In [1]:
import numpy as np
import pandas as pd
from bs4 import BeautifulSoup
import re
from nltk.corpus import stopwords
from sklearn.feature_extraction.text import CountVectorizer
from nltk.stem.wordnet import WordNetLemmatizer
from nltk.stem.snowball import SnowballStemmer
from nltk.tokenize.punkt import PunktSentenceTokenizer
from gensim.models import word2vec
from sklearn.preprocessing import normalize
from sklearn.cluster import KMeans
from sklearn.ensemble import RandomForestClassifier
from xgboost import XGBClassifier
from sklearn.svm import SVC
from sklearn.naive_bayes import GaussianNB

In [2]:
# Data cleaning for the words in text
def review_words(review,frequency):
    lmtzr = WordNetLemmatizer()
    snowball = SnowballStemmer('english')
    review_text = BeautifulSoup(review).get_text()
    #print(review_text)
    regex = re.compile('[^a-zA-Z]')
    letters = regex.sub(' ',review_text)
    #print(letters)
    words = letters.lower().split()
    #print(words)
    stops = set(stopwords.words('english'))
    meaningful_words = [w for w in words if not w in stops]
    lemmatized_words = [lmtzr.lemmatize(w) for w in meaningful_words]
    #print(lemmatized_words)
    stemmed_words = [snowball.stem(w) for w in lemmatized_words]
    output_words = ' '.join(stemmed_words)
    
    if frequency == False:
        return stemmed_words
    else:
        return output_words

In [3]:
#Divide reviews into sentences
def review_sentence(review,tokenizer,frequency):
    raw_sentences = tokenizer.tokenize(review.strip())
    #print(len(raw_sentences))
    sentences = []
    for raw_sentence in raw_sentences:
        if len(raw_sentence)>0:
            sentences.append(review_words(raw_sentence,frequency))
    return sentences

In [4]:
#Extract features from reviews 
def review_vector(file,frequency):
    tokenizer = PunktSentenceTokenizer()
    data = pd.read_csv(file, header = 0, delimiter = '\t', quoting =3)
    raw_review = data['review']
    size = len(data['review'])
    review_all = []
    for i in range(size):
        review_clean = review_sentence(raw_review[i],tokenizer,frequency)
        review_all += review_clean
        if i%5000 == 0:
            print('review set finished:{}'.format(i))
            
        
    num_features = 200
    min_word_count = 50
    num_workers = 6
    context = 10
    downsampling = 1e-3
        
    model = word2vec.Word2Vec(review_all, size = num_features, min_count = min_word_count,workers = num_workers, window = context, sample = downsampling)
    model.init_sims(replace=True)
    model_name = 'sentiment_vector'
    model.save(model_name)    
    
    return review_all

In [5]:
#Read data from unlabeledTrainData
review_all = review_vector('unlabeledTrainData.tsv',False)
data = word2vec.Word2Vec.load('sentiment_vector')

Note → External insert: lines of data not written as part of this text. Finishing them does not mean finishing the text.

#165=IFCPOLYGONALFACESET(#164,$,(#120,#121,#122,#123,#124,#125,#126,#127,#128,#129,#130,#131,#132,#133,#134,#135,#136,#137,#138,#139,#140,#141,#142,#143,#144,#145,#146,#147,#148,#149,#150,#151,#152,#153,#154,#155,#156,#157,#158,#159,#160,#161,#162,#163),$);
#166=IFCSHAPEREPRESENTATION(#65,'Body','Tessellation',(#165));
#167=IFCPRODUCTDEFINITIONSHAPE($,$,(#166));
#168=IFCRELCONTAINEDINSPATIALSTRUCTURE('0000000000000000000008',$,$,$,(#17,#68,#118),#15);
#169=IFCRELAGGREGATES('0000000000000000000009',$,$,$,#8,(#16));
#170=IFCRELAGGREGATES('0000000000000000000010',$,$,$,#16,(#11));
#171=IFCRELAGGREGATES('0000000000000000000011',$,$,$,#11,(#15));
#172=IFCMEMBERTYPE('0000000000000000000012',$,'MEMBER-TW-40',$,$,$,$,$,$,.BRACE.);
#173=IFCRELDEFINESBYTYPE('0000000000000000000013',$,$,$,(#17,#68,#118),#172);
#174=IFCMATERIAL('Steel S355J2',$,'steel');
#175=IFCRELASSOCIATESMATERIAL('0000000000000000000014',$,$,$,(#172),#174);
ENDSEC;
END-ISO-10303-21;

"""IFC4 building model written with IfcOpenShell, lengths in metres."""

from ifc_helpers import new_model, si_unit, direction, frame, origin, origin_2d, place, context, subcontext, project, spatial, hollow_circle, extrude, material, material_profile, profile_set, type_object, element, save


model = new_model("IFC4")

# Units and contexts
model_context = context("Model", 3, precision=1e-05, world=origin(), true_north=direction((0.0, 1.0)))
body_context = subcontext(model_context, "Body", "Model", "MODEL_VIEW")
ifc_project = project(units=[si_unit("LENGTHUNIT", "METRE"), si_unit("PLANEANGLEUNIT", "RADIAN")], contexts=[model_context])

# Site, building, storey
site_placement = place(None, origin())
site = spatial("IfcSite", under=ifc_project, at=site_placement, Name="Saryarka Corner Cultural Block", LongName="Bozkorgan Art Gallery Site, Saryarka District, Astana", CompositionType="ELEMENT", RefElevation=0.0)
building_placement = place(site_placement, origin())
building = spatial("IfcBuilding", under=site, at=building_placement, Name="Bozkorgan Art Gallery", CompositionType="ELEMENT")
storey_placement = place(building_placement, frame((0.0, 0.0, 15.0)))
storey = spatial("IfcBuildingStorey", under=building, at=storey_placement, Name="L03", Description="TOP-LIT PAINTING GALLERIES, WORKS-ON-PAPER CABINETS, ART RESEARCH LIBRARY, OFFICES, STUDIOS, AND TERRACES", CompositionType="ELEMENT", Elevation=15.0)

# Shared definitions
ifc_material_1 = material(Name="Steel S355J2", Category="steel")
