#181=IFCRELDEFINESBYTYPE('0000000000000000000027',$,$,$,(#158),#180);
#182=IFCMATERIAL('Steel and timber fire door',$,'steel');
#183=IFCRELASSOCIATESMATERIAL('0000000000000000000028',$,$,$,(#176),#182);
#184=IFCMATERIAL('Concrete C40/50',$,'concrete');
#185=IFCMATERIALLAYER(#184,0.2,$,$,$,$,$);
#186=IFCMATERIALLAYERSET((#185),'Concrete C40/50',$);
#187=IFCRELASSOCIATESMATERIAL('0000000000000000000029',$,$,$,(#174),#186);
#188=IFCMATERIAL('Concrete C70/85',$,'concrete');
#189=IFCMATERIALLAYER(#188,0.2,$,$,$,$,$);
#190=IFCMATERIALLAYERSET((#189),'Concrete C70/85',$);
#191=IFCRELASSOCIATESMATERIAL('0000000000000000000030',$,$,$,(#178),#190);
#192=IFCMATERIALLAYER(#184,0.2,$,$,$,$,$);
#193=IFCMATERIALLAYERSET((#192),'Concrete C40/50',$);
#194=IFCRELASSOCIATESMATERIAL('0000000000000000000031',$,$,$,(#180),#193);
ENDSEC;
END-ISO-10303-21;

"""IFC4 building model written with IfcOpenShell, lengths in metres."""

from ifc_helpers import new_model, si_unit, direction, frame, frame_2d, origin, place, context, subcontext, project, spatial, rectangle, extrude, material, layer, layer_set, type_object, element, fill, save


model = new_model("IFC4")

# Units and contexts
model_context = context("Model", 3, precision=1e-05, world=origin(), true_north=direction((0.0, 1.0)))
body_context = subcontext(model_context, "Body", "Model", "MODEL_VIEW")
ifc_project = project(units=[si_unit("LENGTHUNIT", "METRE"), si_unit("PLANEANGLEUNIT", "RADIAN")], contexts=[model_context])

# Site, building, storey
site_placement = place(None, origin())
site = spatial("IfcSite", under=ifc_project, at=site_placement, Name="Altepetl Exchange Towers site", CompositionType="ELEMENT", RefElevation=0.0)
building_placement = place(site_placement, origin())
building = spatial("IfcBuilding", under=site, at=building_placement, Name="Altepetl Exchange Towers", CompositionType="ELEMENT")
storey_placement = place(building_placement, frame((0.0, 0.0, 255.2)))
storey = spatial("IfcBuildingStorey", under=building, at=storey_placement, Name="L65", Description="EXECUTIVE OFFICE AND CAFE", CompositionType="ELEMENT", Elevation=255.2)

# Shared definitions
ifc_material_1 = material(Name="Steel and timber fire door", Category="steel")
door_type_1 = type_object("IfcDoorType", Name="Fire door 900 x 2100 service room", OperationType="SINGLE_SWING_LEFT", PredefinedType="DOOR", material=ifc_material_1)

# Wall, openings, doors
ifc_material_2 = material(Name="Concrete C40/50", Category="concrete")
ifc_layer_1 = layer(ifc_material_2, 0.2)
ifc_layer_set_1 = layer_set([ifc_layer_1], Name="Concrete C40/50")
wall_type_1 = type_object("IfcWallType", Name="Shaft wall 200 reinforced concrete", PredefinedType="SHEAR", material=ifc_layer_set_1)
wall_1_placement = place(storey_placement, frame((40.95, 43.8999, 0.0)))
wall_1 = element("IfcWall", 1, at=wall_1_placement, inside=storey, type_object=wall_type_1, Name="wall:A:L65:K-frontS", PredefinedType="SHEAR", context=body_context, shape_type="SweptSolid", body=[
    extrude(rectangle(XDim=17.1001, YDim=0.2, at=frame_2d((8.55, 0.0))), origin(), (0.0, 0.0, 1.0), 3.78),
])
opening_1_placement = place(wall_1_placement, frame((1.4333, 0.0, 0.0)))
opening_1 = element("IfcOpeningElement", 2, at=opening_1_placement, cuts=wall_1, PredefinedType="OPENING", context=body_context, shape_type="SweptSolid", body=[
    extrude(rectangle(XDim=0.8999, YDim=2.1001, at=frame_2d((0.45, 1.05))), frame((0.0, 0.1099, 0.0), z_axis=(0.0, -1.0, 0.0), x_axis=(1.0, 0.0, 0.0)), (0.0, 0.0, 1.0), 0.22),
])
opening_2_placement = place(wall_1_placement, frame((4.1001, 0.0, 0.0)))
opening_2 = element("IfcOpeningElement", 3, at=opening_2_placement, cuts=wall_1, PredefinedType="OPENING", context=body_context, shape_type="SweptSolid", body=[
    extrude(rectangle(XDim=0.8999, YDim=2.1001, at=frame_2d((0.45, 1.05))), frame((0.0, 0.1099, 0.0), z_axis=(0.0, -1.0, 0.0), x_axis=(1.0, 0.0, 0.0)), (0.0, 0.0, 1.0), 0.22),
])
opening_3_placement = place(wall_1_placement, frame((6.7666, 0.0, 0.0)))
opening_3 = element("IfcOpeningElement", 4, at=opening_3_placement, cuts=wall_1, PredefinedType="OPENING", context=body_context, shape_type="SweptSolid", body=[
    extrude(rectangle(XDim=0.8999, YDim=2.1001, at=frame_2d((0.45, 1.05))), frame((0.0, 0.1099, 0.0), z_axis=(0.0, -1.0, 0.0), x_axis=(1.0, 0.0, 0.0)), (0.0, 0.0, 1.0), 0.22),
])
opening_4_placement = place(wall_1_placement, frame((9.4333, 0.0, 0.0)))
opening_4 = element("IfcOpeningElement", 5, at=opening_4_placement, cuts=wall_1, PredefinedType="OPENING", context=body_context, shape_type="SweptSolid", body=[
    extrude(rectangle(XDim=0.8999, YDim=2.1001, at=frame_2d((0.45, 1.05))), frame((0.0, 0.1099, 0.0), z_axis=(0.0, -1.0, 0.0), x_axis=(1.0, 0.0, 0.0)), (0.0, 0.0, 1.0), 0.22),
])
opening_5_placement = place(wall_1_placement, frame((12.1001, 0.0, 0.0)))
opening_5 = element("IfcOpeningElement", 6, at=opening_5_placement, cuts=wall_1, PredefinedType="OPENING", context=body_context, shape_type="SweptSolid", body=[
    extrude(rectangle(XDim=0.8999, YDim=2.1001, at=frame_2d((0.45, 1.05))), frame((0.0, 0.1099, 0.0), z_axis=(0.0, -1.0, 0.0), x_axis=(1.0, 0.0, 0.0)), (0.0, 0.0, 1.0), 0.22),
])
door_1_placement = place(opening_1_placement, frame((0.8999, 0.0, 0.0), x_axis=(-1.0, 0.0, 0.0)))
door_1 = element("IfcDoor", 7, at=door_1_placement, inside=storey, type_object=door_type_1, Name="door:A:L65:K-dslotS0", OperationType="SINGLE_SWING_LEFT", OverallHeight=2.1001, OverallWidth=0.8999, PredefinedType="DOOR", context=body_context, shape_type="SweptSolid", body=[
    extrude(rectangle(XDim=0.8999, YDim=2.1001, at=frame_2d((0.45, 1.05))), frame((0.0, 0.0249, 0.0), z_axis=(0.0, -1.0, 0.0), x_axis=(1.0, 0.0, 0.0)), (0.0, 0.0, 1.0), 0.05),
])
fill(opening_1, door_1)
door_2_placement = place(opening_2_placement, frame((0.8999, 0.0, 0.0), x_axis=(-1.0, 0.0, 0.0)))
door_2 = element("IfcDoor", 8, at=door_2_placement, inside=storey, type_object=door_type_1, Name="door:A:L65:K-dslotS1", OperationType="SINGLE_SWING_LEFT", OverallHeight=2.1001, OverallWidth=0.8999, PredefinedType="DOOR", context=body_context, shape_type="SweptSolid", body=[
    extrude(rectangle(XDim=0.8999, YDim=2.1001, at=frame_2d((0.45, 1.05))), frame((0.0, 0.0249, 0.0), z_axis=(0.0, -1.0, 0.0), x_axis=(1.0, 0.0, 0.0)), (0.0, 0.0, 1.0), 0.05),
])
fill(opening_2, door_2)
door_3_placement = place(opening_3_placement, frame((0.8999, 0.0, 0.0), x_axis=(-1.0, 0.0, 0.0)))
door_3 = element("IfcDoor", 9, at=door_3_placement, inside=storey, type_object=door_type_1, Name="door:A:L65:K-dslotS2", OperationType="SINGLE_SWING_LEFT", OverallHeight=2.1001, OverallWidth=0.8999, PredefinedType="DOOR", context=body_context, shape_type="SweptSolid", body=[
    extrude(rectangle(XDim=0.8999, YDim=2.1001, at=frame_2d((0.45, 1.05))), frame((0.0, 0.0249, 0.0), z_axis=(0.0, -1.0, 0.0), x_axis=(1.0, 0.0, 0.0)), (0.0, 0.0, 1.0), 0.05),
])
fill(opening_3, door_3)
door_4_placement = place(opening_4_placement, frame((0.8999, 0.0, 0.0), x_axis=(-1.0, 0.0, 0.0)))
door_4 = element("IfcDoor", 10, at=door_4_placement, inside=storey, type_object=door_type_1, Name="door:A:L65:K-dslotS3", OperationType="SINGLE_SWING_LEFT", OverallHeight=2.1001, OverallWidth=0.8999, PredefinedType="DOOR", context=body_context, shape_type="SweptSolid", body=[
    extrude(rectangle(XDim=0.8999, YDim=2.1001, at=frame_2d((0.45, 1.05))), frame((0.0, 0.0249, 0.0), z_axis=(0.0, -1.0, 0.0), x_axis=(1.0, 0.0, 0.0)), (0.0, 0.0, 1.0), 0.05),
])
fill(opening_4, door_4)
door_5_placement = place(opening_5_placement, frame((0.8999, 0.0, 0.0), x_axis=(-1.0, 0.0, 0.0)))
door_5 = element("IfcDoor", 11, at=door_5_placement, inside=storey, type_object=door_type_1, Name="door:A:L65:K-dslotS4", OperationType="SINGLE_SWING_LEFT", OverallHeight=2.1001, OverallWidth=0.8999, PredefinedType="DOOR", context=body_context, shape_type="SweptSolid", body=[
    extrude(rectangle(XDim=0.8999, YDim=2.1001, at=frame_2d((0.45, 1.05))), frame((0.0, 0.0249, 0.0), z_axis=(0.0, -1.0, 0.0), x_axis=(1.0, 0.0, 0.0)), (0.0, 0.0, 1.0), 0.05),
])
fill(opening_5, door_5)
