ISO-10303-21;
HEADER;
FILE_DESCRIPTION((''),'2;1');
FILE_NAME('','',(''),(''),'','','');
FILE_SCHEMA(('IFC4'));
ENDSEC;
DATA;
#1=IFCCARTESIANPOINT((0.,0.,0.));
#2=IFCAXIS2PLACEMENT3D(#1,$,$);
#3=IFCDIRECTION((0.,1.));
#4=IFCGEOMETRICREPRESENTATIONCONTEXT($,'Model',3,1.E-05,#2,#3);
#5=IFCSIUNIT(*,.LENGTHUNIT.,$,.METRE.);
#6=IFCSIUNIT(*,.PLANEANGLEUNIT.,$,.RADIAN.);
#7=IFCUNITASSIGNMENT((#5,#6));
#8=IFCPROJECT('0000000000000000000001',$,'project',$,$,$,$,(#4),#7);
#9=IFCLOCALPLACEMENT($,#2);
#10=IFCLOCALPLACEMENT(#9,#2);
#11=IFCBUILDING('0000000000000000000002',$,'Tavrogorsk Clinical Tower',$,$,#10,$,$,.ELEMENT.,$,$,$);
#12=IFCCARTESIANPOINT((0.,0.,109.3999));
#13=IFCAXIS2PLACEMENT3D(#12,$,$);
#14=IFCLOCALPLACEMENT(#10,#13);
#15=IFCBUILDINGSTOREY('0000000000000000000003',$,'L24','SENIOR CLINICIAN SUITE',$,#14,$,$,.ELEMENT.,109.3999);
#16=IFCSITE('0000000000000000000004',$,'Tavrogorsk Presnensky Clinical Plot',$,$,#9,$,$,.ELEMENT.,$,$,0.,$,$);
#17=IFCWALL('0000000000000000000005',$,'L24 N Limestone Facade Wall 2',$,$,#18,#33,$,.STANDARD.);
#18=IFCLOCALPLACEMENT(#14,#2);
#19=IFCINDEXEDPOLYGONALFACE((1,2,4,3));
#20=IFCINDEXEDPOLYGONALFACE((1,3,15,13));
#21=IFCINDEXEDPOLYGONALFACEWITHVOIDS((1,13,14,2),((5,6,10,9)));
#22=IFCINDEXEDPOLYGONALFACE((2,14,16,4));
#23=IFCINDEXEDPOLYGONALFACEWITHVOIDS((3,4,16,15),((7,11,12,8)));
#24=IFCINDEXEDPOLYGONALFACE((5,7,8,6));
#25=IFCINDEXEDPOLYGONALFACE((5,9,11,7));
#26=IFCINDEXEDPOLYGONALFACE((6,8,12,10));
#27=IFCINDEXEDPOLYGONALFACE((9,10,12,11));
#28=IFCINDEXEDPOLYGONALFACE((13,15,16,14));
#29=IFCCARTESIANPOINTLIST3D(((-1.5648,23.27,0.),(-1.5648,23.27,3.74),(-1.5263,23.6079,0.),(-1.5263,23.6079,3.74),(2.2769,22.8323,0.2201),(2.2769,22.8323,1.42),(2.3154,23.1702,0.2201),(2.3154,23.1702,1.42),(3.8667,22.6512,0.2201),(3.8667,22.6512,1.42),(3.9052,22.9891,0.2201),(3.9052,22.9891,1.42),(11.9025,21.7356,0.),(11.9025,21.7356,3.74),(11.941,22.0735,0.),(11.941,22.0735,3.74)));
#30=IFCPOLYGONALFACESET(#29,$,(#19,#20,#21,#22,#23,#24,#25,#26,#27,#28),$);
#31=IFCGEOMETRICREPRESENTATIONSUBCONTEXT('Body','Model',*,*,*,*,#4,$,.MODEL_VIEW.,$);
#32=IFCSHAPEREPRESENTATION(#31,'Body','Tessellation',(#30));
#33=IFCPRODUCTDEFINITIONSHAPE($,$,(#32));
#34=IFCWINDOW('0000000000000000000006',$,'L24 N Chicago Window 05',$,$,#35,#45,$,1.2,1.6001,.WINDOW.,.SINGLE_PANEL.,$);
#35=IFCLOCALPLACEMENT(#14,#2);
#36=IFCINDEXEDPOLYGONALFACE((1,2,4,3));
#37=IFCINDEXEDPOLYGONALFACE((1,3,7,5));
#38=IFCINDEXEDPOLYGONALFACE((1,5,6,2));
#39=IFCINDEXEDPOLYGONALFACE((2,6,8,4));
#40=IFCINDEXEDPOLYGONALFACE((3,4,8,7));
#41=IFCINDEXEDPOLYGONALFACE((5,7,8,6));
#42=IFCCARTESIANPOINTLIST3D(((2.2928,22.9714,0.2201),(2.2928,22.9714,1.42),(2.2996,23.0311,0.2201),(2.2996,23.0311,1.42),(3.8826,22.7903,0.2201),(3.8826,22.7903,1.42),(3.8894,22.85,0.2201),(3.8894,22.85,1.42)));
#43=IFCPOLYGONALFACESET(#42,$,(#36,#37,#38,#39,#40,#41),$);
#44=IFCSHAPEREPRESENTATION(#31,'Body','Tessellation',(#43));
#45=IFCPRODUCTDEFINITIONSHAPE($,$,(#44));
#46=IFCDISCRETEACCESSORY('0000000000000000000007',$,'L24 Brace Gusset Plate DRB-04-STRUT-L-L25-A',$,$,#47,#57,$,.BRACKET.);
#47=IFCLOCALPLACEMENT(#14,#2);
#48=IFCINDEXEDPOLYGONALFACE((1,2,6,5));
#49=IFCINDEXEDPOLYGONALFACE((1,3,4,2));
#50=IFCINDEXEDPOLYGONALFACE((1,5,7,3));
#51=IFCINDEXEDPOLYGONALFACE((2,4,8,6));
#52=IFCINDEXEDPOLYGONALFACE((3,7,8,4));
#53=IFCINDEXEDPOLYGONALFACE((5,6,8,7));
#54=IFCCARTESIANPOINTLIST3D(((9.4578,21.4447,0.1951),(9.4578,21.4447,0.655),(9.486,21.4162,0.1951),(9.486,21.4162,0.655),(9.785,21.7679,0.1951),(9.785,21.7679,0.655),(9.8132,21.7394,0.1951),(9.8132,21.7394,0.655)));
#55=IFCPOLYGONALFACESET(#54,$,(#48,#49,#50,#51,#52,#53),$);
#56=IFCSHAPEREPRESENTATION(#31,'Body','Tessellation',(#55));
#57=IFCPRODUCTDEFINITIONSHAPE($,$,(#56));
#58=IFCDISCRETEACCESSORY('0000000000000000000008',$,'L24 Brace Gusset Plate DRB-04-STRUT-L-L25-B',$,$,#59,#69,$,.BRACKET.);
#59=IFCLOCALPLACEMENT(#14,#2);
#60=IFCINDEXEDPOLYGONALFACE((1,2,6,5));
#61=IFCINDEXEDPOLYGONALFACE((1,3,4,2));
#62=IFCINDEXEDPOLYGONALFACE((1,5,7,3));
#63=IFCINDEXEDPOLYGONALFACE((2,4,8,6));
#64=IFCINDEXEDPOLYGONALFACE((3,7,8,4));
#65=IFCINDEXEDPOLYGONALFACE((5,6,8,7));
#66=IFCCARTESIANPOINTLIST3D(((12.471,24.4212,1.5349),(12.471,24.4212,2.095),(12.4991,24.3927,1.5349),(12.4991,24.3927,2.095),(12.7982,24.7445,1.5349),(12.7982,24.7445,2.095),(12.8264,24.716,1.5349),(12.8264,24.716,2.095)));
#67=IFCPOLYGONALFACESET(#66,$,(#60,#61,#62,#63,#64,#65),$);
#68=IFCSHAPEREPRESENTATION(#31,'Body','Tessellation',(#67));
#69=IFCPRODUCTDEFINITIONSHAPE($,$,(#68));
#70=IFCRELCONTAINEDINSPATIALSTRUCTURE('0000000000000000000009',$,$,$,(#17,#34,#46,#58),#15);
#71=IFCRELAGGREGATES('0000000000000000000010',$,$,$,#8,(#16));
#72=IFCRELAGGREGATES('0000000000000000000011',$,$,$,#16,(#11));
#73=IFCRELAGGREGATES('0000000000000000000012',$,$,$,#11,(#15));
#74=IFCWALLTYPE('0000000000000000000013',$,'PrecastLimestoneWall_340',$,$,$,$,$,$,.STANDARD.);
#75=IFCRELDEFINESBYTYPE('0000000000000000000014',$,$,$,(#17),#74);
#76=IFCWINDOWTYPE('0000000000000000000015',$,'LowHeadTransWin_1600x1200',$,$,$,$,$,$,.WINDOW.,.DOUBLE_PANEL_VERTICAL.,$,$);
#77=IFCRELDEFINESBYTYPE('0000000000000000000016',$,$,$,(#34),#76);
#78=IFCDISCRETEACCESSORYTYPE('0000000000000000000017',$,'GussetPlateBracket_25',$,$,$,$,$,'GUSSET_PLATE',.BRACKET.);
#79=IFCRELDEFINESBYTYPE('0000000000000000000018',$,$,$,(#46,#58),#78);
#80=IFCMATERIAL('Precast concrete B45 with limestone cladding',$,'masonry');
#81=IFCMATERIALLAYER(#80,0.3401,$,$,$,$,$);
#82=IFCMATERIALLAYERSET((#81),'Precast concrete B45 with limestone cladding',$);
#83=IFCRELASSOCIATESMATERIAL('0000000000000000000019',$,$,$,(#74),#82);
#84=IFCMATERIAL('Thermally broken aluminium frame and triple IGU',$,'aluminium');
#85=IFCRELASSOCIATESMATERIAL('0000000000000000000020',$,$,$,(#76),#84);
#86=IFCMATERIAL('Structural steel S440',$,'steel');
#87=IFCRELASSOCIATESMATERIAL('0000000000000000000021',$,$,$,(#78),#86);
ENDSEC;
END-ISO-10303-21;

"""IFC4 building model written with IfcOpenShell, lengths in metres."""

from ifc_helpers import new_model, si_unit, direction, frame, frame_2d, origin, origin_2d, place, context, subcontext, project, spatial, rectangle, extrude, material, layer, layer_set, type_object, element, fill, save


model = new_model("IFC4")

# Units and contexts
model_context = context("Model", 3, precision=1e-05, world=origin(), true_north=direction((0.0, 1.0)))
body_context = subcontext(model_context, "Body", "Model", "MODEL_VIEW")
ifc_project = project(units=[si_unit("LENGTHUNIT", "METRE"), si_unit("PLANEANGLEUNIT", "RADIAN")], contexts=[model_context])

# Site, building, storey
site_placement = place(None, origin())
site = spatial("IfcSite", under=ifc_project, at=site_placement, Name="Tavrogorsk Presnensky Clinical Plot", CompositionType="ELEMENT", RefElevation=0.0)
building_placement = place(site_placement, origin())
building = spatial("IfcBuilding", under=site, at=building_placement, Name="Tavrogorsk Clinical Tower", CompositionType="ELEMENT")
storey_placement = place(building_placement, frame((0.0, 0.0, 109.3999)))
storey = spatial("IfcBuildingStorey", under=building, at=storey_placement, Name="L24", Description="SENIOR CLINICIAN SUITE", CompositionType="ELEMENT", Elevation=109.3999)

# Wall, opening, window
ifc_material_1 = material(Name="Precast concrete B45 with limestone cladding", Category="masonry")
ifc_layer_1 = layer(ifc_material_1, 0.3401)
ifc_layer_set_1 = layer_set([ifc_layer_1], Name="Precast concrete B45 with limestone cladding")
wall_type_1 = type_object("IfcWallType", Name="PrecastLimestoneWall_340", PredefinedType="STANDARD", material=ifc_layer_set_1)
wall_1_placement = place(storey_placement, frame((11.9219, 21.9045, 0.0), z_axis=(0.0, 0.0, 1.0), x_axis=(-0.993572, 0.113205, 0.0)))
wall_1 = element("IfcWall", 1, at=wall_1_placement, inside=storey, type_object=wall_type_1, Name="L24 N Limestone Facade Wall 2", PredefinedType="STANDARD", context=body_context, shape_type="SweptSolid", body=[
    extrude(rectangle(XDim=13.5544, YDim=0.3401, at=frame_2d((6.7773, 0.0))), origin(), (0.0, 0.0, 1.0), 3.74),
])
opening_1_placement = place(wall_1_placement, frame((8.0879, 0.0, 0.22)))
opening_1 = element("IfcOpeningElement", 2, at=opening_1_placement, cuts=wall_1, PredefinedType="OPENING", context=body_context, shape_type="SweptSolid", body=[
    extrude(rectangle(XDim=1.6001, YDim=1.2, at=frame_2d((0.8, 0.6001))), frame((0.0, 0.1799, 0.0), z_axis=(0.0, -1.0, 0.0), x_axis=(1.0, 0.0, 0.0)), (0.0, 0.0, 1.0), 0.3601),
])
ifc_material_2 = material(Name="Thermally broken aluminium frame and triple IGU", Category="aluminium")
window_type = type_object("IfcWindowType", Name="LowHeadTransWin_1600x1200", PartitioningType="DOUBLE_PANEL_VERTICAL", PredefinedType="WINDOW", material=ifc_material_2)
window_placement = place(opening_1_placement, origin())
window = element("IfcWindow", 3, at=window_placement, inside=storey, type_object=window_type, Name="L24 N Chicago Window 05", OverallHeight=1.2, OverallWidth=1.6001, PartitioningType="SINGLE_PANEL", PredefinedType="WINDOW", context=body_context, shape_type="SweptSolid", body=[
    extrude(rectangle(XDim=1.6001, YDim=1.2, at=frame_2d((0.8, 0.6001))), frame((0.0, 0.03, 0.0), z_axis=(0.0, -1.0, 0.0), x_axis=(1.0, 0.0, 0.0)), (0.0, 0.0, 1.0), 0.0601),
])
fill(opening_1, window)

# Discrete accessories
ifc_material_3 = material(Name="Structural steel S440", Category="steel")
discrete_accessory_type = type_object("IfcDiscreteAccessoryType", Name="GussetPlateBracket_25", ElementType="GUSSET_PLATE", PredefinedType="BRACKET", material=ifc_material_3)
discrete_accessory_1_placement = place(storey_placement, frame((9.6355, 21.592, 0.1951), z_axis=(0.0, 0.0, 1.0), x_axis=(0.711413, 0.702774, 0.0)))
element("IfcDiscreteAccessory", 4, at=discrete_accessory_1_placement, inside=storey, type_object=discrete_accessory_type, Name="L24 Brace Gusset Plate DRB-04-STRUT-L-L25-A", PredefinedType="BRACKET", context=body_context, shape_type="SweptSolid", body=[
    extrude(rectangle(XDim=0.46, YDim=0.04, at=origin_2d()), origin(), (0.0, 0.0, 1.0), 0.46),
])
discrete_accessory_2_placement = place(storey_placement, frame((12.6487, 24.5686, 1.5349), z_axis=(0.0, 0.0, 1.0), x_axis=(0.711413, 0.702774, 0.0)))
element("IfcDiscreteAccessory", 5, at=discrete_accessory_2_placement, inside=storey, type_object=discrete_accessory_type, Name="L24 Brace Gusset Plate DRB-04-STRUT-L-L25-B", PredefinedType="BRACKET", context=body_context, shape_type="SweptSolid", body=[
    extrude(rectangle(XDim=0.46, YDim=0.04, at=origin_2d()), origin(), (0.0, 0.0, 1.0), 0.5601),
])

save(model, "model.ifc")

df = pd.DataFrame(review_all)
df.to_csv('words.csv',index=False,header=False)
print('review file finished')



 BeautifulSoup([your markup])

to this:

 BeautifulSoup([your markup], "lxml")

  markup_type=markup_type))


review set finished:0


  'Beautiful Soup.' % markup)
  ' that document to Beautiful Soup.' % decoded_markup
  ' that document to Beautiful Soup.' % decoded_markup


review set finished:5000
review set finished:10000
review set finished:15000
review set finished:20000


  ' that document to Beautiful Soup.' % decoded_markup


review set finished:25000
review set finished:30000
review set finished:35000


  ' that document to Beautiful Soup.' % decoded_markup


review set finished:40000
review set finished:45000


  ' that document to Beautiful Soup.' % decoded_markup


review file finished


In [6]:
review_all = np.array(review_all)
print(review_all.shape)

(532928,)


In [7]:
#Feed word2vec model and extract features
model_new = word2vec.Word2Vec.load('sentiment_vector')
matrix = model_new.wv.syn0
print(matrix.shape)

(8360, 200)


In [8]:
print(len(model_new.wv.vocab))

8360


In [9]:
model_new.doesnt_match('man woman watch school money'.split())

'watch'

In [10]:
model_new.most_similar('money')

[('buck', 0.6363558769226074),
 ('dollar', 0.6173630952835083),
 ('cash', 0.579927921295166),
 ('fund', 0.5651991963386536),
 ('debt', 0.5647455453872681),
 ('fee', 0.552809476852417),
 ('profit', 0.5428676605224609),
 ('salari', 0.5420151352882385),
 ('ticket', 0.5404407382011414),
 ('expens', 0.5176376104354858)]

In [11]:
len(model_new.wv.vocab)

8360

In [12]:
#Divide reviews into sentences
def review_bag(file,frequency):
    tokenizer = PunktSentenceTokenizer()
    data = pd.read_csv(file, header = 0, delimiter = '\t', quoting =3)
    raw_review = data['review']
    size = len(data['review'])
    review_all = []
    for i in range(size):
        review_clean = review_sentence(raw_review[i],tokenizer,frequency)
        review_all.append(review_clean)
        if i%5000 == 0:
            print('review set finished:{}'.format(i))
    
    return review_all        

In [13]:
#Find cluster center and form the features of the reviews
def word_center(matrix,model,num_centers):
    kmeans = KMeans(n_clusters=num_centers,random_state=0)
    kmeans.fit(matrix)
    centerid = kmeans.predict(matrix)
    words = model.wv.index2word
    wordscenter = dict(zip(words,centerid))
    #print(wordscenter.keys())
    return wordscenter


def center_vector(words,wordscenter,num_centers):
    vector = np.zeros(num_centers,dtype='float32')
    words_new = [w.split() for w in words]
    for item in words_new:
        for word in item:
            if word in wordscenter.keys():
                index = wordscenter[word]
                vector[index] += 1
                #print(word)
                #print(vector)
    return vector

def review_center(review,matrix,model):
    review_center = []
    num_centers = int(len(matrix)/10)
    num_centers = 1000
    wordscenter = word_center(matrix,model,num_centers)
    for words in review:
        result = center_vector(words,wordscenter,num_centers)
        review_center.append(result)
    return review_center

In [14]:
#Read data from labeledTrainData
reviews = review_bag('labeledTrainData.tsv',True)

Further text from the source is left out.